I didn’t answer, was tired from a long shift, and up until now, only had a view of Marcus’ back, slim with a full head of black hair that touched his shoulders. He was wearing a jean jacket decorated with a patch of embroidered wings like a biker. “Blizzard,” he said. “White-out conditions. But I’ll get you home.”
I strained to hear him, leaned forward toward his seat as he chewed on something that left a red smear on his fingers and covered the wheel. I watched outside for signs of the mall, the school, the movie theater, familiar landmarks, but all I saw were pine trees.
“Where are we? Is the right way?”
“According to GPS, we should be at your place in twenty minutes, give or take.”

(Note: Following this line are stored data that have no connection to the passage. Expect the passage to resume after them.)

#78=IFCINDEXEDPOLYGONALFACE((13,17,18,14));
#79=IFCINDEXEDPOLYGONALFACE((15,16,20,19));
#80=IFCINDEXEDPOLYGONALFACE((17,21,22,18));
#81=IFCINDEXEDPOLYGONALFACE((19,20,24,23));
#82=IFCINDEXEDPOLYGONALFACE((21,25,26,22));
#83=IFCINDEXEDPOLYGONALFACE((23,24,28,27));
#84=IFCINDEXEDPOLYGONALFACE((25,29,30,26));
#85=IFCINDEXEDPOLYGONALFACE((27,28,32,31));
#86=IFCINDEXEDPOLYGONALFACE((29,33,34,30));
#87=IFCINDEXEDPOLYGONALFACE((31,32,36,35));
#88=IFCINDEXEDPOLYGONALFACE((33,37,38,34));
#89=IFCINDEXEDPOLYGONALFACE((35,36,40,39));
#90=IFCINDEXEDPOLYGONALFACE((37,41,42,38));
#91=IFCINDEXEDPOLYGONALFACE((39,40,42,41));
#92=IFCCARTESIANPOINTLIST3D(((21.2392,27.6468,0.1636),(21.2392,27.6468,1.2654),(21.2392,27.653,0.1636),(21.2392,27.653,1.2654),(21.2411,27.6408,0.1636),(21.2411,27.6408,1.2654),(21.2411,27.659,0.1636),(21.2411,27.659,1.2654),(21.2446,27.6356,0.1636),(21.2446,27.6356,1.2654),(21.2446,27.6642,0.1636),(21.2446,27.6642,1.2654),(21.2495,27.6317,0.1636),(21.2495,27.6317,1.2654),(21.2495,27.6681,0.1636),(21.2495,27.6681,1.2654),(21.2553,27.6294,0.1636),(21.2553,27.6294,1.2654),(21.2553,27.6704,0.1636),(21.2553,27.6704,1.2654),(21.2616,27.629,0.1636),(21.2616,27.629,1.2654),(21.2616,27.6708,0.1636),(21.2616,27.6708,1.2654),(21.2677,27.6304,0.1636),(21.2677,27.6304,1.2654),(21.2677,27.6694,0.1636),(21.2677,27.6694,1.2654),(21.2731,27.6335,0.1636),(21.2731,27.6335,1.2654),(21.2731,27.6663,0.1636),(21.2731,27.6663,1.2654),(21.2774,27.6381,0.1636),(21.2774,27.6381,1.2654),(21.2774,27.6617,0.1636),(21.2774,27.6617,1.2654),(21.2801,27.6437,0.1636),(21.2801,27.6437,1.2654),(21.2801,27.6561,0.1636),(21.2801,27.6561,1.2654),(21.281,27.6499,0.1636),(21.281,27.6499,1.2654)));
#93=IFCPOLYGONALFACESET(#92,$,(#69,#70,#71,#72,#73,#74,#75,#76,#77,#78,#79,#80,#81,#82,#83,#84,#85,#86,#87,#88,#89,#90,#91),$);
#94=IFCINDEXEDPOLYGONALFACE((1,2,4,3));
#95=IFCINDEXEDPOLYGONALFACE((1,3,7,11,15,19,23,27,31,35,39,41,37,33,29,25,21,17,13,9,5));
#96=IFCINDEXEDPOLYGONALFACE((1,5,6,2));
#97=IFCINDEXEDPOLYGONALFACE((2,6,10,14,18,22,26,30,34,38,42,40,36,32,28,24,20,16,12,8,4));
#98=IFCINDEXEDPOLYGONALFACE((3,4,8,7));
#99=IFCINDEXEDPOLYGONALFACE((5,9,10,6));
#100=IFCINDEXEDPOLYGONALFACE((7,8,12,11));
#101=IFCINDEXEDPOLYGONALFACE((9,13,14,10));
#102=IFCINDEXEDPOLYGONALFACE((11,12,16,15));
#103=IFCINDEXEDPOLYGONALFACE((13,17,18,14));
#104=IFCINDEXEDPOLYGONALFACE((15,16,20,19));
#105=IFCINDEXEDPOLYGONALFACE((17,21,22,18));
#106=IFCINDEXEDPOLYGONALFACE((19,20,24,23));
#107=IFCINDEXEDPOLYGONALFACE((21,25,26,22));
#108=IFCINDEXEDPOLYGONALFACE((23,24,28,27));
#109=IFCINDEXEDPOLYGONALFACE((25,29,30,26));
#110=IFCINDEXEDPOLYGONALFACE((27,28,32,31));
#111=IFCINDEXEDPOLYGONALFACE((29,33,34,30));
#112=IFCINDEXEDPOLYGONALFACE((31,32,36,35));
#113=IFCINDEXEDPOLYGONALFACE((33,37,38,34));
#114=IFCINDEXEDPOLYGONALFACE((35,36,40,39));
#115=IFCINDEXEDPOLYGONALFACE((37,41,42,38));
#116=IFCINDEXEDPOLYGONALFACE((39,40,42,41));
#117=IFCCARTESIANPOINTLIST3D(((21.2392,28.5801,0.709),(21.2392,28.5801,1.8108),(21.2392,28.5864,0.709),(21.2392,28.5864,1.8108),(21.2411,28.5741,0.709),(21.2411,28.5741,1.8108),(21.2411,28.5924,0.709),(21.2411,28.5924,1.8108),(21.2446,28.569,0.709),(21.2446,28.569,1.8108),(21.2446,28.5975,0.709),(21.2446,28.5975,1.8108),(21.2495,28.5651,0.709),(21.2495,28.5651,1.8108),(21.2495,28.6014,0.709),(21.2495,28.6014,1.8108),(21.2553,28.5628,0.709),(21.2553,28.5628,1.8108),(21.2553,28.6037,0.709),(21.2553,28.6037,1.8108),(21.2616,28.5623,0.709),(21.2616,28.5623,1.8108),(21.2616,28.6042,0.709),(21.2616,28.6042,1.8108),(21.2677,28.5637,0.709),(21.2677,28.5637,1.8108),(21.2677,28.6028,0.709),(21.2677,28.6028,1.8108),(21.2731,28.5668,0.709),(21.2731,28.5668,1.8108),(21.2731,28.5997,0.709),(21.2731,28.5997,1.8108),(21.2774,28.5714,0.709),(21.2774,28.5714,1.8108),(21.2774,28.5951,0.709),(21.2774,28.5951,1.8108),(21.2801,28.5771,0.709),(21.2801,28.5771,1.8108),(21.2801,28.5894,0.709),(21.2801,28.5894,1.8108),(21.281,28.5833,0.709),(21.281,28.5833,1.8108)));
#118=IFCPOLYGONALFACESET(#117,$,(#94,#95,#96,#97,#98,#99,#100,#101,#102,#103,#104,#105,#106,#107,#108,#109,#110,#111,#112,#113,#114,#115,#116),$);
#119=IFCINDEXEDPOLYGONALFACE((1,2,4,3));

I leaned back and tried to relax, sat on my hands in an effort to keep them warm. Where were my gloves? I kept thinking about Lew’s dinner, warm tomato sauce cooked with pork bones and a hunk of sour dough bread to sop everything up. Lew would pour a glass of red wine for my birthday, the one I kept trying to forget—forty years old, years that wouldn’t stop accumulating like the snow drifts outside the window until everything turned into slush.
“You a nurse?” Marcus asked.
“How’d you know?’
“I picked you up near the hospital and you’ve got on those clunky nurse shoes, so I figured.” For the first time, he turned around and I was startled, his eyes, cavernous and sunk into his face which was a topography of the Canadian Rockies. I was more surprised than repelled. “I could use your help with something bothering me.”
Friends and family often asked for my medical opinion. Why ask a doctor, especially just out of med school, and not a nurse who’d seen hundreds of patients? Headaches, numb fingers, blood tests, dizziness, I’d diagnosed them all and people thanked me.
“I am trying to forgive myself for killing people.”
“You what?”
“I’m trying to forgive myself. Shouldn’t I be able to forgive myself? Wives forgive their husband’s killers every day.”
I didn’t know what kind of nutcase I was driving with sitting in a black foreign car that was polished inside to an obsidian shine. But figured that the safest thing was to humor him.
“That depends,” I tried to keep my voice steady, “on how many people you’ve killed.”
“Just today or a cumulative figure?” I was stunned by the question. He sounded like a serial killer who was playing with me before opening the trunk. “Thousands,” he said. “I’m a vampire.”
I tried not to gasp. Marcus needed help, but not from me. I was more interested in getting home safely. Turning forty suddenly seemed like a spectacular achievement. So did lasagna.
“That’s a lot of people,” I said.
“What about people killed in wars—men, women, young children.” He waited for a traffic light to turn green.
“That’s different.”
“How? I’m not a killer, just an animal who has to eat. Do you hate your cat for dropping a bird in your lap? Of course not, because that’s what cat’s do—they hunt.”
I saw my house and Lew’s profile in the kitchen. “You’re right. Some animals could live on that kind of carnage for years.” I jumped out of the car. “But I don’t think I can help you,” and I ran to the door.